In a still further aspect of the invention, compositions comprising vitamin B12 are used as, or in the production of a food supplement for humans and / or incorporated into cosmetic preparations, such as shampoos or body lotions.

Examples Experimental Vitamin B12 Assay The activity of vitamin B12 was assayed using a turbidimetric bioassay based on the growth response of Lactoba cill us lei chmani i ATCC 7830 as described in detail in: The United Stated Pharmacopoeia, The National Formulary , 1995, pp. 1719-1721, United Stated Pharmacopoeial Convention, Inc., Rockville MD. 20 Concentrations of B12 in Plasma B12 in plasma was measured using commercially available radioassay equipment (Bio-Rad Laboratories Ltd, Hemel Hempstead, UK). The sample of ? ^ plasma is combined with vitamin Bi2 (57Co) in a solution containing dithiothreitol and cyanide. The mixture is boiled for 30 minutes to inactivate the endogenous binding proteins and to convert the various forms of vitamin B 2 to cynocobalamin. The mixture is cooled and then combined with porcine intrinsic factor, purified affinity, immobilized (attached to polymer beads). This adjusts and damps the pH of the reaction mixture to 9.35. The reaction mixture is then incubated for 60 minutes at room temperature. During incubation, endogenous and labeled vitamins compete for the limited number of binding sites based on their relative concentrations. The reaction mixture is then centrifuged at 1500 g for 10 minutes. The labeled and unlabeled vitamins that bind immobilized binding proteins are concentrated in the bottom of the tube in the form of a pellet and the unbound vitamins remain in the supernatant.
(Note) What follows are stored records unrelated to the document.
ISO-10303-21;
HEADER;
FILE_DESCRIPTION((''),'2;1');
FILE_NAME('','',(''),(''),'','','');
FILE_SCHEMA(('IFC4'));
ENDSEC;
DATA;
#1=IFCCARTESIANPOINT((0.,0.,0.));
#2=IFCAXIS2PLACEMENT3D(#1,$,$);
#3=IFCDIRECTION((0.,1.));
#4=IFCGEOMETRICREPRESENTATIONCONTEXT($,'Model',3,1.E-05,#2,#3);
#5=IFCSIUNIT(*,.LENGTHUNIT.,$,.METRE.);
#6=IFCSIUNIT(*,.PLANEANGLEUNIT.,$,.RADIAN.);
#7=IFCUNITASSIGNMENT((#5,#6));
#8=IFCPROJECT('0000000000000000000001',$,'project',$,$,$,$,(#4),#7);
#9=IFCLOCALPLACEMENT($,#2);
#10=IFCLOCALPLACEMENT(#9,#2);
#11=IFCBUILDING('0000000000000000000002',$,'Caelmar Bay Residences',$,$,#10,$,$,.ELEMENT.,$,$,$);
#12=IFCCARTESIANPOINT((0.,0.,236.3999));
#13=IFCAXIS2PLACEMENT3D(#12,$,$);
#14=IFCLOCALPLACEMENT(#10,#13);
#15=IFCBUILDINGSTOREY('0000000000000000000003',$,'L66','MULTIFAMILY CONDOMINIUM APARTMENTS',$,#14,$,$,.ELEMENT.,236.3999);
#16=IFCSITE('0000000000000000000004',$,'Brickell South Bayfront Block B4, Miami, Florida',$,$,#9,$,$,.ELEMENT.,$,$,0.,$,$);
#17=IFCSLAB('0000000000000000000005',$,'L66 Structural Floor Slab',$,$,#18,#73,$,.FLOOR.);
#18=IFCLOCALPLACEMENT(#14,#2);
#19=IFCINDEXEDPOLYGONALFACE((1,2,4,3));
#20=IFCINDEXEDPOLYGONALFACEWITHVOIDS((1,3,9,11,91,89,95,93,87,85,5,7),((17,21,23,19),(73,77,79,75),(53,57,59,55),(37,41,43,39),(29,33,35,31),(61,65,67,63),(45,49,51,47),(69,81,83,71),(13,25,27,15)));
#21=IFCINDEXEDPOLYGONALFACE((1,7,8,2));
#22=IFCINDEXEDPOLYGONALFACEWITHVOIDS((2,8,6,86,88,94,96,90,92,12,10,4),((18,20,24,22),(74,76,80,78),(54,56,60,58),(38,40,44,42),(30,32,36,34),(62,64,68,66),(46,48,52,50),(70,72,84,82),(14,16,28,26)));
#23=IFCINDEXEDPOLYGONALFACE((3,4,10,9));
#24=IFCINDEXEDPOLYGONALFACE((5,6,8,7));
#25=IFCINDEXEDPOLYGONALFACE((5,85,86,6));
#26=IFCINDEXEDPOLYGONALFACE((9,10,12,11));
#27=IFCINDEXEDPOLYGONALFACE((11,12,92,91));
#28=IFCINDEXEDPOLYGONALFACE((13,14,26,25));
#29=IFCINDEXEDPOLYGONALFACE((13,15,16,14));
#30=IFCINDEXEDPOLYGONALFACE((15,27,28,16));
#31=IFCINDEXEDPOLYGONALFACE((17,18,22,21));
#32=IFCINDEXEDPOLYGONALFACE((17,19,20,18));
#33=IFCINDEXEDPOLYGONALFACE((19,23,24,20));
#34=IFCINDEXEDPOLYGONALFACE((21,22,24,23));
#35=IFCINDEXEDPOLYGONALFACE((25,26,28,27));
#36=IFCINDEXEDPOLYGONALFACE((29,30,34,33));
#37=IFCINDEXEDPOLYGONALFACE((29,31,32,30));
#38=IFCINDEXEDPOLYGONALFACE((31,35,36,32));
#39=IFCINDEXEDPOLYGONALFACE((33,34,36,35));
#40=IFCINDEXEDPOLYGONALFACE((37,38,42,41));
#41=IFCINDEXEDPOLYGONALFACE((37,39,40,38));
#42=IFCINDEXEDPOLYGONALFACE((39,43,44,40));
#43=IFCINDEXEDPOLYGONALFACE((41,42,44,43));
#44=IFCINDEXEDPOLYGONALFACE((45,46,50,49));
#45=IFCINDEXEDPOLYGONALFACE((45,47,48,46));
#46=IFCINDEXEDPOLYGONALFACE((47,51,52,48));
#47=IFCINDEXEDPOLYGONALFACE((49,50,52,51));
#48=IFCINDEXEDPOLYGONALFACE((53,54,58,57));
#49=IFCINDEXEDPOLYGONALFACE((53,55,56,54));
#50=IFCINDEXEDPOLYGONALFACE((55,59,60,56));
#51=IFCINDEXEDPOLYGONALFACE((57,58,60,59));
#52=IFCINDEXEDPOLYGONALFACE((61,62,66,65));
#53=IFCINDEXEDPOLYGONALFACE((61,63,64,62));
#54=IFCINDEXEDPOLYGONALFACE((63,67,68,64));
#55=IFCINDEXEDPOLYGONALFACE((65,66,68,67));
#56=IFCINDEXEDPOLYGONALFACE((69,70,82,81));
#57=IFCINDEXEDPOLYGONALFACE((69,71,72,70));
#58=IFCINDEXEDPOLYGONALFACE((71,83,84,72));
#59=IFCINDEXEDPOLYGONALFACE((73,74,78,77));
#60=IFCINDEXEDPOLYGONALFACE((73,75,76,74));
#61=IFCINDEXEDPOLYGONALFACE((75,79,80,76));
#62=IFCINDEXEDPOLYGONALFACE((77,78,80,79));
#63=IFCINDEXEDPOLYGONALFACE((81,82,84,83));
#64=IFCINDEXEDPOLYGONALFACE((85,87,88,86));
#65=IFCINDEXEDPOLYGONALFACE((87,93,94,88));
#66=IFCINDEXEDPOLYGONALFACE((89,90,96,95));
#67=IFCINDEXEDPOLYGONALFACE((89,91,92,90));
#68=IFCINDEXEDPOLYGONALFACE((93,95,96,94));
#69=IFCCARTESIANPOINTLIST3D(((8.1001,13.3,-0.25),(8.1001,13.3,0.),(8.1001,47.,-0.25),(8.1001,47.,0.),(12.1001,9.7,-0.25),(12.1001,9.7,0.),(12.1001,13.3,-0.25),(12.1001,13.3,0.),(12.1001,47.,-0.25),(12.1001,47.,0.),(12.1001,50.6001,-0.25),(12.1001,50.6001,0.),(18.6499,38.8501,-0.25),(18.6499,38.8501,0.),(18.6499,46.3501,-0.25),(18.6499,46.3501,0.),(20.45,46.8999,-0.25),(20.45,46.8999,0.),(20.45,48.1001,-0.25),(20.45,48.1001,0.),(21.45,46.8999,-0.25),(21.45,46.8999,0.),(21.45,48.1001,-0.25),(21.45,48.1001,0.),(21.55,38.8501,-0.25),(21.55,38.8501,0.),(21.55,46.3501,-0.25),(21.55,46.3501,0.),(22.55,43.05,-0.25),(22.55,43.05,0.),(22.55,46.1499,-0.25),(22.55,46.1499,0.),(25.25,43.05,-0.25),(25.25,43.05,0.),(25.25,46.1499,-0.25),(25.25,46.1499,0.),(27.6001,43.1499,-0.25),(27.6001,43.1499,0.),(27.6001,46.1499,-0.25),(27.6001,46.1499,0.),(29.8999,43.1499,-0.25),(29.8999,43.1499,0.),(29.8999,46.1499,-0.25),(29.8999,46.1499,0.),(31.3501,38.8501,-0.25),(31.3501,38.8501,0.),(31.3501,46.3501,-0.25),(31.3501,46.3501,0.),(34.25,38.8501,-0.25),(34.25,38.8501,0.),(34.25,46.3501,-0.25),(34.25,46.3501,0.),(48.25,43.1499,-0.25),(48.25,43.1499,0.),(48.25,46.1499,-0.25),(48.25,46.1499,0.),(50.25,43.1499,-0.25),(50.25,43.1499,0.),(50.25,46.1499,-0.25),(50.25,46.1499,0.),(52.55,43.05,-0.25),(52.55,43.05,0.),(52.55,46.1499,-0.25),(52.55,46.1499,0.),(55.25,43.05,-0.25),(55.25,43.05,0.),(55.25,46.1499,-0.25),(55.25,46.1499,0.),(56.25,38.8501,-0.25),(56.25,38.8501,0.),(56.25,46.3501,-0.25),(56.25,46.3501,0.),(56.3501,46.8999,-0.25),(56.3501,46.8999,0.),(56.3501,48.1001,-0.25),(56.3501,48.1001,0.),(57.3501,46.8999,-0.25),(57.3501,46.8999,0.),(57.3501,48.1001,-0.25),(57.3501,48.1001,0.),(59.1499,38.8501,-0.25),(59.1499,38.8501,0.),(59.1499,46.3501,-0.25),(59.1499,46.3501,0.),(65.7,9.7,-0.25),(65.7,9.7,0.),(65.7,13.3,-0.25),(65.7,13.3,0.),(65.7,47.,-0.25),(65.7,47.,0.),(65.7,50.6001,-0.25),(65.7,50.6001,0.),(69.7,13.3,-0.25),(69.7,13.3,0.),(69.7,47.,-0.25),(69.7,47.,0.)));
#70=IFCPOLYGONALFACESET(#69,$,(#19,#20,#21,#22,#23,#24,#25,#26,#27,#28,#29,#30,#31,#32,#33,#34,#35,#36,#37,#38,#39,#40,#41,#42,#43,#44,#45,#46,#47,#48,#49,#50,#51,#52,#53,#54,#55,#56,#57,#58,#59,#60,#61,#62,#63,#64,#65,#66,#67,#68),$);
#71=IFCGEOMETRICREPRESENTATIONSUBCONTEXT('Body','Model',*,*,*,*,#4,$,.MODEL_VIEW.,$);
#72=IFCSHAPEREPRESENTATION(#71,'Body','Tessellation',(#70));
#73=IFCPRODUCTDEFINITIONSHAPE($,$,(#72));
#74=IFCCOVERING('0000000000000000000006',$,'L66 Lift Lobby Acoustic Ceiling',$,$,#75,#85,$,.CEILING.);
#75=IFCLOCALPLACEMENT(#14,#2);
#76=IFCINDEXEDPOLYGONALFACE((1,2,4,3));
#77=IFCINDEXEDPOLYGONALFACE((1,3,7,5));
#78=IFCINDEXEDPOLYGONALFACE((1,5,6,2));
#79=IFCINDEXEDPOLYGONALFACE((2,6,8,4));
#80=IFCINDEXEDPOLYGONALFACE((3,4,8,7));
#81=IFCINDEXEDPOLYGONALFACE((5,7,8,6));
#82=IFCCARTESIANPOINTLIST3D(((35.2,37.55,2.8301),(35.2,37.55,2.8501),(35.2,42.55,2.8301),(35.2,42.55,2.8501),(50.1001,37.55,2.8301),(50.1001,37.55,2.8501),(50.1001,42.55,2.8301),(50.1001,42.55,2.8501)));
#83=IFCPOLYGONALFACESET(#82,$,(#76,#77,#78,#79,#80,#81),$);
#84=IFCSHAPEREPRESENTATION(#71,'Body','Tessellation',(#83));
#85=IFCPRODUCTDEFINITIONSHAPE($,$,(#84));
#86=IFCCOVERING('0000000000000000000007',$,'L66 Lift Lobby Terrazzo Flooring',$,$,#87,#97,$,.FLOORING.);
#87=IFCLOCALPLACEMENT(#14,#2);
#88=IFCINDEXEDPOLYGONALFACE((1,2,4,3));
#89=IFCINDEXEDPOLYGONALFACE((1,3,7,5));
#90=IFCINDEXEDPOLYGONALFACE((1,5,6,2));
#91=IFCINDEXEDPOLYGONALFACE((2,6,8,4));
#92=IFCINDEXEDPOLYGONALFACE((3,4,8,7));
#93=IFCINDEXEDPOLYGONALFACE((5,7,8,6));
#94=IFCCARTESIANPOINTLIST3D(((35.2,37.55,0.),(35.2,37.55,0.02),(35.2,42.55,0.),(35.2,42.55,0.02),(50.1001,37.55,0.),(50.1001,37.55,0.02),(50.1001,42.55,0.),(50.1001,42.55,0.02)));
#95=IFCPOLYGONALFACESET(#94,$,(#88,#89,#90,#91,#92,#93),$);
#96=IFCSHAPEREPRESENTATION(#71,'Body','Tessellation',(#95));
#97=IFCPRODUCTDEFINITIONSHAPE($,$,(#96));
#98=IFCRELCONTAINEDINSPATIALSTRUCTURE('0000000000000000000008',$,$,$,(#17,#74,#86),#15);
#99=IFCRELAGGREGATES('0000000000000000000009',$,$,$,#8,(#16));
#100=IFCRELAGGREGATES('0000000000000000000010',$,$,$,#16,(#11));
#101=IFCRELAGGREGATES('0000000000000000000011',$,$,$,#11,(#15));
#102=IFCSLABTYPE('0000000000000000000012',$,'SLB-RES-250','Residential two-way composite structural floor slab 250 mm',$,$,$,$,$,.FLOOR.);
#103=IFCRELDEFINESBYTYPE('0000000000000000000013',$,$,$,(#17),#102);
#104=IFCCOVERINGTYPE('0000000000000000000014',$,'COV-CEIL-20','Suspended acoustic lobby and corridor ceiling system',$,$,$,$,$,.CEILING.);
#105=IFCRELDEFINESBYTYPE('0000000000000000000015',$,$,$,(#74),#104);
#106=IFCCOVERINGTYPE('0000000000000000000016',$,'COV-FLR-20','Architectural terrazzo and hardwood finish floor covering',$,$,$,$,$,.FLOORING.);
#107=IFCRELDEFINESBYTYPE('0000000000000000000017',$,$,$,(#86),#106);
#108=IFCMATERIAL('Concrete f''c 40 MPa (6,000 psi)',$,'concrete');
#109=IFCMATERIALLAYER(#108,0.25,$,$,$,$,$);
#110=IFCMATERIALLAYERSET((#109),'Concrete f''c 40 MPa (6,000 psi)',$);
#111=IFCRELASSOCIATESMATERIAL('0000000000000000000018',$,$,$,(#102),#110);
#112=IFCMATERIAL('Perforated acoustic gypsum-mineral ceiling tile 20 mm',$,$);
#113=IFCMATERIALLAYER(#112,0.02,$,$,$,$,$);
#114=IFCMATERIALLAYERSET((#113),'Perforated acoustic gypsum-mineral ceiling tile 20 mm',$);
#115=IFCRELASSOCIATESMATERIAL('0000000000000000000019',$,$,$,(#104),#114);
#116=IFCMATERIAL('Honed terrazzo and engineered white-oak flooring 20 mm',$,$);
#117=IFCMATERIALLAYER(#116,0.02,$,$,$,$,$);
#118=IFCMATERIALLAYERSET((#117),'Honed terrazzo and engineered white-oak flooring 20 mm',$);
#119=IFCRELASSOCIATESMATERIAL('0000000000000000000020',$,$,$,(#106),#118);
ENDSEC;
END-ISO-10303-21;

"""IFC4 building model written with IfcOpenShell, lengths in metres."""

from ifc_helpers import new_model, si_unit, direction, frame, origin, place, context, subcontext, project, spatial, polyline, outline, extrude, material, layer, layer_set, type_object, element, save


model = new_model("IFC4")

# Units and contexts
model_context = context("Model", 3, precision=1e-05, world=origin(), true_north=direction((0.0, 1.0)))
body_context = subcontext(model_context, "Body", "Model", "MODEL_VIEW")
ifc_project = project(units=[si_unit("LENGTHUNIT", "METRE"), si_unit("PLANEANGLEUNIT", "RADIAN")], contexts=[model_context])

# Site, building, storey
site_placement = place(None, origin())
site = spatial("IfcSite", under=ifc_project, at=site_placement, Name="Brickell South Bayfront Block B4, Miami, Florida", CompositionType="ELEMENT", RefElevation=0.0)
building_placement = place(site_placement, origin())
building = spatial("IfcBuilding", under=site, at=building_placement, Name="Caelmar Bay Residences", CompositionType="ELEMENT")
storey_placement = place(building_placement, frame((0.0, 0.0, 236.3999)))
storey = spatial("IfcBuildingStorey", under=building, at=storey_placement, Name="L66", Description="MULTIFAMILY CONDOMINIUM APARTMENTS", CompositionType="ELEMENT", Elevation=236.3999)

# Shared definitions
ifc_material_1 = material(Name="Concrete f'c 40 MPa (6,000 psi)", Category="concrete")

# Slab
ifc_layer_1 = layer(ifc_material_1, 0.25)
ifc_layer_set_1 = layer_set([ifc_layer_1], Name="Concrete f'c 40 MPa (6,000 psi)")
slab_type_1 = type_object("IfcSlabType", Name="SLB-RES-250", Description="Residential two-way composite structural floor slab 250 mm", PredefinedType="FLOOR", material=ifc_layer_set_1)
slab_1_placement = place(storey_placement, frame((0.0, 0.0, -0.25)))
element("IfcSlab", 1, at=slab_1_placement, inside=storey, type_object=slab_type_1, Name="L66 Structural Floor Slab", PredefinedType="FLOOR", context=body_context, shape_type="SweptSolid", body=[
The supernatant is aspirated and the radioactivity associated with the pellet is counted. Normal curves are prepared using the standards of vitamin Bi2 in a human serum albumin base. The concentration of vitamin Bi2 in the plasma sample is determined from the normal curves. The normal curves were plotted and the unknown curves were determined, using the AssayZap universal trial calculator, version 2.32 (Biosoft, Cambridge, UK.). Plasma samples were required to be diluted 10-50 times to bring them within the most sensitive range of the assay.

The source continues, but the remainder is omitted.